So, I respect doctors. I really do. I have some who have helped me tremendously in my life. I have also, especially during this Mirena experience, dealt with a couple who pretty much said that it was all in my head and then tried to just push a bunch of prescriptions for anxiety my way. It was so frustrating because I was literally sitting in one of my doctor's offices BAWLING my head off because I was scared to death. I actually said to him, "I can tell that I'm dying....I can feel it happening....and I need you to stop it. Please help me." At that point, I could feel system after system slowly shutting down, and--at the time--I didn't even know exactly what was physically happening--I just knew that the Mirena was the cause because everything happened at the same time. He waved his hand at me, told me that "it sure didn't sound like the Mirena", and moved on with the conversation.
I also remember telling him, "I have been your patient for almost seven years, and I've been here, what, maybe two times? Once for an ear infection and once because I sliced open the back of my foot and you had to glue it closed. Now, suddenly, I'm here every week in tears with some new symptom that is keeping me from functioning correctly. Obviously, I am not some hypochondriac who wants to be here for attention. I NEVER go to the doctor. I ALWAYS try to let my body heal on its own. I need you to believe me. This thing has done something. Trust that I know my body." Again....a silent nod and nothing. Ugh. This was the same doctor that told me that there was no way that I had silicone poisoning in my blood, and that--if I did--it is impossible to get out. Whoopies, doc....you were wrong on both counts.
Women, trust your bodies..... Even if your doctor doesn't believe you. Keep searching until you find one who does. That's what I did (Thanks, Dr. J.).
*I* was the one who figured out it was the Mirena by many a night of online searches and contacting others to match symptoms....and I was
right.
*I* was the one who matched symptoms up to believe that I had silicone poisoning...and forced my doctor to run the test...and I was
right.
Almost everything that was diagnosed for me was done because *I* figured it out, and then I went to the doctors to run the tests to prove it....and I was proven
right each time.
I am not saying this to brag or pat myself on the back. I'm telling you this to remind you that, just because you don't have a degree in medicine, you do know your bodies, ladies. You know your minds, your emotions, your strength...all of it. Nobody knows that like you do. Doctors (not all of them) can be ignorant, too. If you find one who is--and who is unwilling to listen--FIND ANOTHER ONE.
I felt the need to write this post because I just heard from another fellow Mirena sufferer who just left her doctor because he was ignorant....and he was pompous. He told her that it was all in her head, and actually said, "You can go to the website for Tide detergent and probably find these symptoms."
WHAT??????!!!!!!
I don't know who you are, doc....but I kind of want to smack you around a little bit. What happened to you? When did you become unwilling to listen to someone who is clearly sick and suffering and open your mind to possible reasons why that could be....ESPECIALLY when she is holding hundreds of stories from other women who all have the EXACT same symptoms and ALL have the Mirena? Since when is that not worth your time to consider that as a possibility when this woman started shutting down within days to weeks of having that thing put in her body? Let me tell you something, "doctor", one day, all of this information is going to come to light--just like the Norplant did--and you are going to realize that you were insensitive and, more importantly, WRONG. When that happens, I hope that you rethink how you treat patients who enter your office with something that might just be (GASP) unfamiliar to you. Just because you haven't encountered it doesn't mean it isn't true.

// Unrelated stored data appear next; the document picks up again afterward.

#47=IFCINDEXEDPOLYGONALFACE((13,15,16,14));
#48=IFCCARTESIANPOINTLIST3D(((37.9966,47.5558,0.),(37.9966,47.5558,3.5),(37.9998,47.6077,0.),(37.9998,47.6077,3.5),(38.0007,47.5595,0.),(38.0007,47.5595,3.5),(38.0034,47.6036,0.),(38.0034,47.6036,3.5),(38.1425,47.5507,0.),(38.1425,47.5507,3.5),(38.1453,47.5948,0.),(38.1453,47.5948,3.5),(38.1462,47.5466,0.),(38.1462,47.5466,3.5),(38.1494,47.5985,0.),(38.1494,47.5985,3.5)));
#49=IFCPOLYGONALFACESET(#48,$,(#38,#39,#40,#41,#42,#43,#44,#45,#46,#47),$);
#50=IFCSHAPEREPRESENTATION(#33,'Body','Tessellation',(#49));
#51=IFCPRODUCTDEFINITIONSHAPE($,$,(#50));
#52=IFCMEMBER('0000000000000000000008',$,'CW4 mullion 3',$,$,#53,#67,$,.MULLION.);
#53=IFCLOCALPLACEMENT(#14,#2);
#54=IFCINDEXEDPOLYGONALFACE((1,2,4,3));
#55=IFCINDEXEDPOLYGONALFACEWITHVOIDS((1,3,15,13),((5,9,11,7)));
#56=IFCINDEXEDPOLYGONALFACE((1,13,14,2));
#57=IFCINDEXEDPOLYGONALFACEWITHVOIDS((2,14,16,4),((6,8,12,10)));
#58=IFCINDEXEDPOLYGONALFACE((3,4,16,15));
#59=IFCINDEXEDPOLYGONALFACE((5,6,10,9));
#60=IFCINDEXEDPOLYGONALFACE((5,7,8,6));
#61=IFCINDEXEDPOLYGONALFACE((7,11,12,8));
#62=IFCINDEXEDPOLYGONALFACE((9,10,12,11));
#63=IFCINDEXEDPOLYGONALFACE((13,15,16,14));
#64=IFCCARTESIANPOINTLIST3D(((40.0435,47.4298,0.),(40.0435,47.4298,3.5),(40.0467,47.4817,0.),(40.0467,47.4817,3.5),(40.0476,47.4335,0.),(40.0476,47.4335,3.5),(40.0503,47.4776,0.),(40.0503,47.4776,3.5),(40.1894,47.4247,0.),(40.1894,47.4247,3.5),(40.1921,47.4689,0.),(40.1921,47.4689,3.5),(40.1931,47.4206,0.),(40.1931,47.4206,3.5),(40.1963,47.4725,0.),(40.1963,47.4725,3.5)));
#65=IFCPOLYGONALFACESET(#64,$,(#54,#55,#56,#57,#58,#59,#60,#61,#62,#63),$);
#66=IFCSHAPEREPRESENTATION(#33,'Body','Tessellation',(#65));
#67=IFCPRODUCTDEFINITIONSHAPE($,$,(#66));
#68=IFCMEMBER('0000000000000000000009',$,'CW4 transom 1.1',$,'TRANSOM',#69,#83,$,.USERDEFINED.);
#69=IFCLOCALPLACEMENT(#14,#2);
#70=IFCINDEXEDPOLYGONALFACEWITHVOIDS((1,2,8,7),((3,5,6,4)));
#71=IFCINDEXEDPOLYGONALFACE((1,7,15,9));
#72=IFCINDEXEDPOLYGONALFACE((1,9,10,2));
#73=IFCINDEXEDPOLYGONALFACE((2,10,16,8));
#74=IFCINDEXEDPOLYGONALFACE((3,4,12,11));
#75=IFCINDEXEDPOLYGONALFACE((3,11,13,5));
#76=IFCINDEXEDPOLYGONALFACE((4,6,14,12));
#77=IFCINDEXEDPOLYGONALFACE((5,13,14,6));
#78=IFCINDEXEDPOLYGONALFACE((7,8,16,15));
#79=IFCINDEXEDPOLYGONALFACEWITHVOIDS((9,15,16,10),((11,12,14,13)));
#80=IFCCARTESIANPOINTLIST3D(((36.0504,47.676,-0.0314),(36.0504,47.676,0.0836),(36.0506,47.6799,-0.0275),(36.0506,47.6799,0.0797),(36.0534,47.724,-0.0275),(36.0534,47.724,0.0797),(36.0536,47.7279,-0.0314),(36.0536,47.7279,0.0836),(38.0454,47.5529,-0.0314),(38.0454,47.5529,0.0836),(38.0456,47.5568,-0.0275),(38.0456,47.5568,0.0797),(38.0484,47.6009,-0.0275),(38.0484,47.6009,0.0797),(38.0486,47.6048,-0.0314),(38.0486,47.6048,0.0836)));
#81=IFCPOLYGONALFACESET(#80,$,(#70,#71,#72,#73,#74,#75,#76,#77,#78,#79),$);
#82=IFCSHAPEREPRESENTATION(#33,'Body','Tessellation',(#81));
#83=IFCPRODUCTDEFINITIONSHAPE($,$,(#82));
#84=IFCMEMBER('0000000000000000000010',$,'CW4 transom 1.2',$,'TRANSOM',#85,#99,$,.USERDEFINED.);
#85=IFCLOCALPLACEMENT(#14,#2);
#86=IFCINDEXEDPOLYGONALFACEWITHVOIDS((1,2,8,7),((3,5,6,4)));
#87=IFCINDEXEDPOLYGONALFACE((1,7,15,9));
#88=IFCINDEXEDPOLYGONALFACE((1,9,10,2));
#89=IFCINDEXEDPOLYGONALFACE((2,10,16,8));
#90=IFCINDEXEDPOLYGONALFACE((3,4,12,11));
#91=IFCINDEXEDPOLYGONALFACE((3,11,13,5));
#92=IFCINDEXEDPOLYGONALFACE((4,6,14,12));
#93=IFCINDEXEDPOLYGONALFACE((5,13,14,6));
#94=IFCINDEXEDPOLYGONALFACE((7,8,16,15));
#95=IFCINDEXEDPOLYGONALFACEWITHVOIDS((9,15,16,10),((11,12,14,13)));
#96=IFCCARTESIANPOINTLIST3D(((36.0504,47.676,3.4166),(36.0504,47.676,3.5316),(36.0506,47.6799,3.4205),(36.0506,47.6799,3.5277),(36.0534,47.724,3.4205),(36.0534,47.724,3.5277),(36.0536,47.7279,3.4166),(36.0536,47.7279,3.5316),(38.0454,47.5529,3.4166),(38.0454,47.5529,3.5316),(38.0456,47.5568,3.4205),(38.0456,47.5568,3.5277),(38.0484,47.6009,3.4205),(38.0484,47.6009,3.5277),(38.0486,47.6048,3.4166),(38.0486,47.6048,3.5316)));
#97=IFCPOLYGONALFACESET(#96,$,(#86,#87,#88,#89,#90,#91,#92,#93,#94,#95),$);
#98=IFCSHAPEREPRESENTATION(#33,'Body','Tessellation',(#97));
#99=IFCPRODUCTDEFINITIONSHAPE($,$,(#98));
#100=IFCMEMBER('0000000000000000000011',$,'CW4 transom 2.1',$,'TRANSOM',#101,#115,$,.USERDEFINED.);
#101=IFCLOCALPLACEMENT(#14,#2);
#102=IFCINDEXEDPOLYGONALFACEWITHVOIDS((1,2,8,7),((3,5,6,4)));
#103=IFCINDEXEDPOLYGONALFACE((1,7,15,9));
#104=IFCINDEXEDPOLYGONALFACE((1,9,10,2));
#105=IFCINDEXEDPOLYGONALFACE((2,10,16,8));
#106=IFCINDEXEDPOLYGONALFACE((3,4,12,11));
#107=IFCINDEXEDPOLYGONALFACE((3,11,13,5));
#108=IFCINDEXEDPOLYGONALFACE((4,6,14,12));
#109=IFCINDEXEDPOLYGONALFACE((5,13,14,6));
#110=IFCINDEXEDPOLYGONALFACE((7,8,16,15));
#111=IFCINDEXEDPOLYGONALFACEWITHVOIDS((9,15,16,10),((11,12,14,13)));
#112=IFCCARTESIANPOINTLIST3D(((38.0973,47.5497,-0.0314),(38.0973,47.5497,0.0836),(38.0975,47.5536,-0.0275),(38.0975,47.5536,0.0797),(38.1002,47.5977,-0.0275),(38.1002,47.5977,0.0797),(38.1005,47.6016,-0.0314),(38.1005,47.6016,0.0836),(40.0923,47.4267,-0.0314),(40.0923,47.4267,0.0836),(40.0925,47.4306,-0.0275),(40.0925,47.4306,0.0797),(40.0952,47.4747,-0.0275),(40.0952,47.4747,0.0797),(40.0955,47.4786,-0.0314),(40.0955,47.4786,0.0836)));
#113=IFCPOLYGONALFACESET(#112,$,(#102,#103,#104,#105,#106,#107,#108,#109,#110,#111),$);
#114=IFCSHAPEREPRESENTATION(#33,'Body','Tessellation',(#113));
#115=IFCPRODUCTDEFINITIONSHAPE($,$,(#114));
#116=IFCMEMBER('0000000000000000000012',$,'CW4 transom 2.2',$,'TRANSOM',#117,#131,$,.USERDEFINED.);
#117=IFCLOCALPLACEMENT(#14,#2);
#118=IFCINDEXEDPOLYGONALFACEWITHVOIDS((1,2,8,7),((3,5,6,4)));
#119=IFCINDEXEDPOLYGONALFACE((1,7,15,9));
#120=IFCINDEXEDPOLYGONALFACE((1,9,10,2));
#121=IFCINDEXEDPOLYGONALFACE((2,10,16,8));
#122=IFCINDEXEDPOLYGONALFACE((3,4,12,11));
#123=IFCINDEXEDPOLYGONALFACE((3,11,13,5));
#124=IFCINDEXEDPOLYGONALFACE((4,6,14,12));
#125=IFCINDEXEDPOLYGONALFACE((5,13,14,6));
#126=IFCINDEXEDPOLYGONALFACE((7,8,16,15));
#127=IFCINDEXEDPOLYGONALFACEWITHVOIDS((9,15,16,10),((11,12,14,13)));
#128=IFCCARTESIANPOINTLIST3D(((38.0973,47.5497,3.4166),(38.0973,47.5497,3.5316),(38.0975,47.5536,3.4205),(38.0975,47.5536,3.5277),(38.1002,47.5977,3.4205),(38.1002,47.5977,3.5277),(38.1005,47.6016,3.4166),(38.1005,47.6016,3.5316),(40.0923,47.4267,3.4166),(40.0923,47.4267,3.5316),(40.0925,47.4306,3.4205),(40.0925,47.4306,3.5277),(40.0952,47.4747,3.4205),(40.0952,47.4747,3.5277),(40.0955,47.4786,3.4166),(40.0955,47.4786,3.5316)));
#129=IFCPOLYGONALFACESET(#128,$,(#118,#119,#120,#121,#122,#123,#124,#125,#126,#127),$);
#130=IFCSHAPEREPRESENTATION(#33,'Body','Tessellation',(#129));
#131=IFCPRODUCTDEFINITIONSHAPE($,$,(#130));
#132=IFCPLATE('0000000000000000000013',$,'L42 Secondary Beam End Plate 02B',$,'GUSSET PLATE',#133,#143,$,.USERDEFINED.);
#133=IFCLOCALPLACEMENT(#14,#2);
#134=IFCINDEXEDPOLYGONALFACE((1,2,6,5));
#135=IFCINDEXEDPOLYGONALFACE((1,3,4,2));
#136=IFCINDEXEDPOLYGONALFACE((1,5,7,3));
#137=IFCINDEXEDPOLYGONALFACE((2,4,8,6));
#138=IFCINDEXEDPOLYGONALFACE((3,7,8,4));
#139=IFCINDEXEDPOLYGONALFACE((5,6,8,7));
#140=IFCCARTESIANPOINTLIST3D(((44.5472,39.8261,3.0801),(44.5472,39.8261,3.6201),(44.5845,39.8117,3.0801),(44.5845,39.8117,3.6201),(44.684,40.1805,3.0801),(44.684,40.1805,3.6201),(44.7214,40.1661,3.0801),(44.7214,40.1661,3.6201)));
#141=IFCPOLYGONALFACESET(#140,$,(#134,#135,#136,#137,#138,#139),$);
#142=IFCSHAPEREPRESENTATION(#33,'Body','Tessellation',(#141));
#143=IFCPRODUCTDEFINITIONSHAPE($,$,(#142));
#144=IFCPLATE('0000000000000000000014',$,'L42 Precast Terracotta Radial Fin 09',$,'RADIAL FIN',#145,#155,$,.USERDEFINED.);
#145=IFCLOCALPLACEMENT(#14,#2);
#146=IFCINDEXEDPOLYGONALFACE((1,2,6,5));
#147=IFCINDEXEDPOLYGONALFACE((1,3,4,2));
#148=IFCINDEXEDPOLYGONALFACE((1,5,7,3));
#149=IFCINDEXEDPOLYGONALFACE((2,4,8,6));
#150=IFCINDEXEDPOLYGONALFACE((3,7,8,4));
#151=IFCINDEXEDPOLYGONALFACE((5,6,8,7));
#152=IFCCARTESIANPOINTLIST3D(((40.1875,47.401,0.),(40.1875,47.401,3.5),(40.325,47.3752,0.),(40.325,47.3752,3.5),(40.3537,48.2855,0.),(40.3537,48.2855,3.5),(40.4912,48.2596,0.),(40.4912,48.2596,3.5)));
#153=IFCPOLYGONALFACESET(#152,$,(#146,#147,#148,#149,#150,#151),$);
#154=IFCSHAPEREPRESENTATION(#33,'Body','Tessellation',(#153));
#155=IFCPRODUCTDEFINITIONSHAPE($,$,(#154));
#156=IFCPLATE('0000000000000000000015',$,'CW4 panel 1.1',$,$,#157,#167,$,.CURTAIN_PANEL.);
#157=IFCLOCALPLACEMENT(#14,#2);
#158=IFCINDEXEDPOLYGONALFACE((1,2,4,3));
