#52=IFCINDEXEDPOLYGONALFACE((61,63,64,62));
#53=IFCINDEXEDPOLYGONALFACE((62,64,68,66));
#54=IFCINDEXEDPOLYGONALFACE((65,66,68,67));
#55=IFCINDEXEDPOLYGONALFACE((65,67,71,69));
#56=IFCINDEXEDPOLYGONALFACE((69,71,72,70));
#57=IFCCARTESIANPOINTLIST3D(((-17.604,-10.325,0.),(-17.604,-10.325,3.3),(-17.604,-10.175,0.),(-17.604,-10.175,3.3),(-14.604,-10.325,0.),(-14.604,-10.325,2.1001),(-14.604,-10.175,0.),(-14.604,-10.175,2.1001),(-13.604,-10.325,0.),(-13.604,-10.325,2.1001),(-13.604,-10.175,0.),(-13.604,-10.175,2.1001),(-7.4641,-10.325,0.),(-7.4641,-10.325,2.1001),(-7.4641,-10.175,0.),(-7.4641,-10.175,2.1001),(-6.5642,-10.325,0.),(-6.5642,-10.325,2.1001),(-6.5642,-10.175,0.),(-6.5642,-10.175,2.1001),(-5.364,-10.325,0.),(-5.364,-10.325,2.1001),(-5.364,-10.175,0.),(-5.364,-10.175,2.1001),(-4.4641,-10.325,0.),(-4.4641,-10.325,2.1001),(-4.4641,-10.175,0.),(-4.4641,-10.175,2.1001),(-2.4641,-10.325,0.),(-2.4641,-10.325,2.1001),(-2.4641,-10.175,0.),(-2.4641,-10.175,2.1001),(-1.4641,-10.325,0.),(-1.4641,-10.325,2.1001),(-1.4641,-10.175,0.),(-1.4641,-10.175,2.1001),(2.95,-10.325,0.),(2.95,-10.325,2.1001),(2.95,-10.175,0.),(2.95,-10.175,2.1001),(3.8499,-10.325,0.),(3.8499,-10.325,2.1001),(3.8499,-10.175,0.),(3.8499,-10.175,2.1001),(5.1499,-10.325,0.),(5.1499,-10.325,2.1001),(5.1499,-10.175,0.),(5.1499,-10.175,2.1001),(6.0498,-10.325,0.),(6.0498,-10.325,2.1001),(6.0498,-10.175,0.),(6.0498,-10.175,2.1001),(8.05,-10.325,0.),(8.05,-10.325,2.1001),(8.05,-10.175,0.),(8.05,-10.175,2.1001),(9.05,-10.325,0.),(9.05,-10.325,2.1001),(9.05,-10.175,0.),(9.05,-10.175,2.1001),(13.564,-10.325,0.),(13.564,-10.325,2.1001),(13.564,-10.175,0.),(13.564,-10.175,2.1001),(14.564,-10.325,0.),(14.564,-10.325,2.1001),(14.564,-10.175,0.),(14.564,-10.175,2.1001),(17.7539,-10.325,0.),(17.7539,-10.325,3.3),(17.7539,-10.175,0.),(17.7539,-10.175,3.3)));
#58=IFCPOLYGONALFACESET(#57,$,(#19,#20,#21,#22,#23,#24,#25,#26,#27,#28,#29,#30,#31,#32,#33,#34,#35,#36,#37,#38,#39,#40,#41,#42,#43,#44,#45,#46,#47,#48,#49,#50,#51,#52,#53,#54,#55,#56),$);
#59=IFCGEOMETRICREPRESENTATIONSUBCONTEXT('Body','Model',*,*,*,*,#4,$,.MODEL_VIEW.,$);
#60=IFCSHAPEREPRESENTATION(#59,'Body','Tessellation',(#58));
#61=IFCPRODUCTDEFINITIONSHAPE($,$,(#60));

The first day I met Dr. J., he said, "One thing I have learned is that I trust what women say about their bodies. I don't know what it is about you, but almost every woman that I treat is correct about what is going on with them. You have that intuition that blows my mind. I have learned to really listen to that and move from there." When he said that, the tears came. I finally found someone who was going to fight for me. Someone who believed me. That made all the difference in the world.
Ladies, you are not crazy. You are sick. Your bodies have been damaged. But you can fight to get your life back. I hope you find a doctor to be in your corner as you do. But, no matter what, do NOT let anyone tell you that what you KNOW isn't what is happening. You know better.
Tide detergent.....seriously, doc? Maybe if I ATE a gallon of it....and I would still feel better than I did when I was at my worst. Tide detergent.....wow.
Doctors are smart. Doctors can help. But some doctors can be ignorant, too. At the end of the day, they are not YOU. Don't forget that, and don't let some giant degree on an office wall make you feel like you don't know anything about you.
Keep fighting for your health, ladies. You'll get there.